I don’t understand Christian heavy metal. Like why are they so angry for Jesus?
I pretend my bruises are sex bruises instead of I tripped over my cat while trying a new dance move bruises.
Customer: is it 4 wheel drive?
Me [counting the wheels]: yeah
Customer: no like can it go off-road?
Me [looking around showroom]: well yeah
what I love in every old-timey photo of women dressing up their cats is how peeved the cats look
She- get lost
Me- *jumps in her wardrobe*
I get it fireworks, people set me off too.
Robert is an ass man
Robert goes to the club
Robert sees a curvy girl
Robert comes up behind her
Robert Palmer
[getting out of prison after 10 years]
GUARD: *handing me a paper bag* here are ur things
ME: did none of u monsters feed my tamagotchi
You look like the kind of person who would hit rock bottom and then start drilling.
I’m not a 10. I’m more like two 5s held together by cheese and chocolate.
I got 99 socks but a pair ain’t one
[gently takes the Spider-Man franchise outside using a cup and piece of paper]
There you go, little buddy. You’re free now.

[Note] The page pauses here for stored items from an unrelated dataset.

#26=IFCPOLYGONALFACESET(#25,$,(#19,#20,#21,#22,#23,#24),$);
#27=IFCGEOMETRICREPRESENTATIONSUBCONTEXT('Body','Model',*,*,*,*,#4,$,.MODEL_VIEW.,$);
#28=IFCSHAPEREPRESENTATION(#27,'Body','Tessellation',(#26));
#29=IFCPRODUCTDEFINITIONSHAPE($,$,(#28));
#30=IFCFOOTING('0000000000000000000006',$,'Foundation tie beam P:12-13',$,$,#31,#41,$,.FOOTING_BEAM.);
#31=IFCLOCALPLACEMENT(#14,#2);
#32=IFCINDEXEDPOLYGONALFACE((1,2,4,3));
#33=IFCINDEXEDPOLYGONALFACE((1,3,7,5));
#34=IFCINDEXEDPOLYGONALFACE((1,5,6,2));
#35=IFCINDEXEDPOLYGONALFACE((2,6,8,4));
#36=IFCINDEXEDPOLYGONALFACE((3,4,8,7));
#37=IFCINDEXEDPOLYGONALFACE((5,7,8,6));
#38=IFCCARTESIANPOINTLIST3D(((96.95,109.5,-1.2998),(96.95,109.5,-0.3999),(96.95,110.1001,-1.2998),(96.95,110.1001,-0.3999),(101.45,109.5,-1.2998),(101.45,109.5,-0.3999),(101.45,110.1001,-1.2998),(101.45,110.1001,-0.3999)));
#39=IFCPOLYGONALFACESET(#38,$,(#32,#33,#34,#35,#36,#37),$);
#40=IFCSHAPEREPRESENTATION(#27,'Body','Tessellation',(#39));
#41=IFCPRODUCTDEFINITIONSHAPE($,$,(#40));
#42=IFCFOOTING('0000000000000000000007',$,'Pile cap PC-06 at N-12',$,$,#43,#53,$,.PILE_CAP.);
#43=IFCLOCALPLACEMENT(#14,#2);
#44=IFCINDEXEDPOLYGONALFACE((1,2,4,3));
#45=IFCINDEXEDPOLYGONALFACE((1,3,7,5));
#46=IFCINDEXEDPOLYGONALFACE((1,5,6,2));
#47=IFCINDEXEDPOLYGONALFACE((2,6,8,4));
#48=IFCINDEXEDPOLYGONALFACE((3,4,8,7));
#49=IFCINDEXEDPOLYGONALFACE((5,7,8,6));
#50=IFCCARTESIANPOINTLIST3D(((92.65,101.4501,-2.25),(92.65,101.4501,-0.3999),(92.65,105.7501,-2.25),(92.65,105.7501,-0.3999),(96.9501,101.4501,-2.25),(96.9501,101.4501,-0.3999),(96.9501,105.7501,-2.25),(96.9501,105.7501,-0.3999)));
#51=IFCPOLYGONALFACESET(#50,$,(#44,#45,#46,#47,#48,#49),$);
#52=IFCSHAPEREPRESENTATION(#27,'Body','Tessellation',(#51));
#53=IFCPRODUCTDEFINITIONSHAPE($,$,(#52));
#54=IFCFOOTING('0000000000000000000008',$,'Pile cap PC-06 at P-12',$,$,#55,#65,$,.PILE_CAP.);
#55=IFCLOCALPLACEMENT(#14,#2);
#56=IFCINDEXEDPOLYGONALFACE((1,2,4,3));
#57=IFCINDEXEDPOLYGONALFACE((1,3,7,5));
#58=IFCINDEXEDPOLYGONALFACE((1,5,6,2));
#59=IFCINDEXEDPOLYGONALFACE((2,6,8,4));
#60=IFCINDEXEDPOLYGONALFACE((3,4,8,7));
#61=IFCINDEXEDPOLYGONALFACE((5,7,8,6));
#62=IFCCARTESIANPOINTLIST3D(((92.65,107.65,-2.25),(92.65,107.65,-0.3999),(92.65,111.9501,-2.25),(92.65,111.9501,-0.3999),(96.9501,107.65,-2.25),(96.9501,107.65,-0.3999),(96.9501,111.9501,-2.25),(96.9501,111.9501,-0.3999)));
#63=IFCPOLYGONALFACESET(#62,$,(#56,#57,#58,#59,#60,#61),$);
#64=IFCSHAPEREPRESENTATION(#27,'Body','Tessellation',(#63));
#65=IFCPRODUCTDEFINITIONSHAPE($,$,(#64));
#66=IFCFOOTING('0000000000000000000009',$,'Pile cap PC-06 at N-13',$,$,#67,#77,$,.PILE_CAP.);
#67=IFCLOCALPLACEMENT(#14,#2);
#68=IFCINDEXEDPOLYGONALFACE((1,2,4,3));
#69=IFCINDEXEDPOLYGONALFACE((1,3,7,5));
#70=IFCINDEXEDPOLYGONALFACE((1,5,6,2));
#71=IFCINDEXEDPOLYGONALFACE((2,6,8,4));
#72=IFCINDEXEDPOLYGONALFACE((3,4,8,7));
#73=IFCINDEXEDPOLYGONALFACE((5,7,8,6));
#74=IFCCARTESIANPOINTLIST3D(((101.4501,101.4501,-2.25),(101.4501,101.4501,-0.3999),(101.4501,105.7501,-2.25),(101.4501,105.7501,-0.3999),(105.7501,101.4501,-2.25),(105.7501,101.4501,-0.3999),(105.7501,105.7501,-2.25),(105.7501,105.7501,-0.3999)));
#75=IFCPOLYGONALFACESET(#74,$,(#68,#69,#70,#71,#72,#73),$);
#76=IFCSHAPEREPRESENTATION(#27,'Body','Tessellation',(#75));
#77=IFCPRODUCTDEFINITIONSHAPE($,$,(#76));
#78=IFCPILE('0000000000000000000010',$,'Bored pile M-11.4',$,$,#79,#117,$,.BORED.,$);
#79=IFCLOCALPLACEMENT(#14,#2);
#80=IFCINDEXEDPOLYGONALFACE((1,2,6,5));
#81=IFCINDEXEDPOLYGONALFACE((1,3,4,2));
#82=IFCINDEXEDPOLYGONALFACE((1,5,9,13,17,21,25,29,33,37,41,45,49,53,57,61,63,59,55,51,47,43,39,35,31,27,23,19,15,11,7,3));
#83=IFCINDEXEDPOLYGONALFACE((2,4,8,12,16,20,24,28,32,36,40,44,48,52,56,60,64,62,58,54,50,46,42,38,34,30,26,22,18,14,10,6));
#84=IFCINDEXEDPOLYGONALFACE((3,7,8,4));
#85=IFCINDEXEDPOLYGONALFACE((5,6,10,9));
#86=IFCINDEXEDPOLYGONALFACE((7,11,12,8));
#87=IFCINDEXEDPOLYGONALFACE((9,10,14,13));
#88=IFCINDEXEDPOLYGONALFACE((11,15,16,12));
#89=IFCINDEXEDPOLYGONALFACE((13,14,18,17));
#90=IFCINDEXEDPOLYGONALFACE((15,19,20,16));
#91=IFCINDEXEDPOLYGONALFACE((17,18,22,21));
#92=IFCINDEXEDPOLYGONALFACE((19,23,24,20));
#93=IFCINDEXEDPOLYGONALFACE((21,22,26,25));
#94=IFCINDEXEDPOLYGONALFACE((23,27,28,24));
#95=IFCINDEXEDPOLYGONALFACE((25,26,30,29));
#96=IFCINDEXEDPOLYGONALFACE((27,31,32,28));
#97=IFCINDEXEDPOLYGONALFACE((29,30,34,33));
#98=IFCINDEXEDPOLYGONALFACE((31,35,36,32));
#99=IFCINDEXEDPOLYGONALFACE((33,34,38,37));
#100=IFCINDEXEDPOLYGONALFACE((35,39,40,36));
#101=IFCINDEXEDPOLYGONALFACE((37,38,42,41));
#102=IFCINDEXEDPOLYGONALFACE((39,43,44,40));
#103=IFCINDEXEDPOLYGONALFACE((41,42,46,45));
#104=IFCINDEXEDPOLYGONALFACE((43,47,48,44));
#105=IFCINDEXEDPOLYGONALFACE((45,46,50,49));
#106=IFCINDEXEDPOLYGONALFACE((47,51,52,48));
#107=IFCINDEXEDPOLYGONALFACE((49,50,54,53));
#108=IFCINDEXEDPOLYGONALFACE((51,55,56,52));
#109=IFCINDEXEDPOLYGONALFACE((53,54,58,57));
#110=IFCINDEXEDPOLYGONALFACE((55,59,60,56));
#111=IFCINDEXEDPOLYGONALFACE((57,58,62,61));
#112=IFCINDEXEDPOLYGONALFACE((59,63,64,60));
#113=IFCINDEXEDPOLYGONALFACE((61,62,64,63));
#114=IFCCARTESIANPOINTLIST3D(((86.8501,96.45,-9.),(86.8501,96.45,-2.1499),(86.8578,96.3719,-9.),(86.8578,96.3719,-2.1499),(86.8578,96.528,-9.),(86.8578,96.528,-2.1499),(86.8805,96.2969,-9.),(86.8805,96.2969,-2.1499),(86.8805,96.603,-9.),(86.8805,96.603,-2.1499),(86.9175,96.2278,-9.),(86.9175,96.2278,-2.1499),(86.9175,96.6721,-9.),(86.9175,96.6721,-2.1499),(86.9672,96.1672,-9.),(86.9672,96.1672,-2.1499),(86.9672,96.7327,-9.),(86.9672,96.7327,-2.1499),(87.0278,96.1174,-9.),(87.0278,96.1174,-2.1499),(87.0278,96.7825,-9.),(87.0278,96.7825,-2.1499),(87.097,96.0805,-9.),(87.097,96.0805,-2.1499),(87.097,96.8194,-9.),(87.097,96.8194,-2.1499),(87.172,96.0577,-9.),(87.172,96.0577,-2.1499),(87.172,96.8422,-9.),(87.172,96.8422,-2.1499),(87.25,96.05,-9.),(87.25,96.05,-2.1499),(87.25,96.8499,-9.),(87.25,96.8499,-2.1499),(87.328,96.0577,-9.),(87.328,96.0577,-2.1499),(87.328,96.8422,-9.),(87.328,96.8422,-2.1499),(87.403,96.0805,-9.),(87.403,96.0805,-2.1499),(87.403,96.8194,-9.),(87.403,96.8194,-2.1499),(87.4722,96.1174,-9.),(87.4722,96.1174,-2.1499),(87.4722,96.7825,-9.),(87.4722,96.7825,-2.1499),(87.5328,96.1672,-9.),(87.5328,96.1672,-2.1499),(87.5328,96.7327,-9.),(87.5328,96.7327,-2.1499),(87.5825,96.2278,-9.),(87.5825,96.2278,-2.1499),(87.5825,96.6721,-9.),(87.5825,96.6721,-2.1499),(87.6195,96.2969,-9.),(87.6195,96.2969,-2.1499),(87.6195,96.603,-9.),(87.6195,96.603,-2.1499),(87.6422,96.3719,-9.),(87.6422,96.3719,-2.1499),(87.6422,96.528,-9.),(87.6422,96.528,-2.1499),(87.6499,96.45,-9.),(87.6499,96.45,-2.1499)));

Me: Help someone is trying to gain entry to my home, send the police!
Her: Calm down, where are they now?
Me: Still ringing the doorbell
Potato chips bragging about having less fat – I don’t think you understand people who eat you.
7yo: Mom, did you really lose my tooth?
Me: I’m going to be completely hones-
7: *begins crying*
Me: Daddy did. He totally did.
Predator reluctantly turning off it’s cloaking technology so it can wash it’s hands at a sensor faucet
Newspapers are cool because you can cut out eye holes and spy on people. Try that with an iPad.
Why would I want to fund a crowd?
Twitter is my serious account. The funny one is my bank account.
“Kids, part of my comprehensive zombie apocalypse plan are these Tshirts to keep up with each other”
“Daddy, why do ours say appetizer?”
Murder Hornets have arrived in America. Not sure how they got past the wall.
Your inability to learn complicated handshakes is tearing this gang apart.
[1800s]
Guy who hates kids: Create for me something children will love, but then it abandons them, or dies a slow, withering death, or vanishes with a terrifying gunshot noise
Francis H. Balloon: Here’s a thought
Me: I hate when corporate Twitter accounts pretend to be people
Amazon Prime: I was just saying this to my kids
do u think regular glue guns get jealous of the hot ones
Guilty! 🤪
I just heard the phrase “murdered to death” and wondered if there’s any other option
After months of trying, I finally have a runner’s body. His shoes too. Also a really nice pair of headphones & his Fitbit. He was in shape.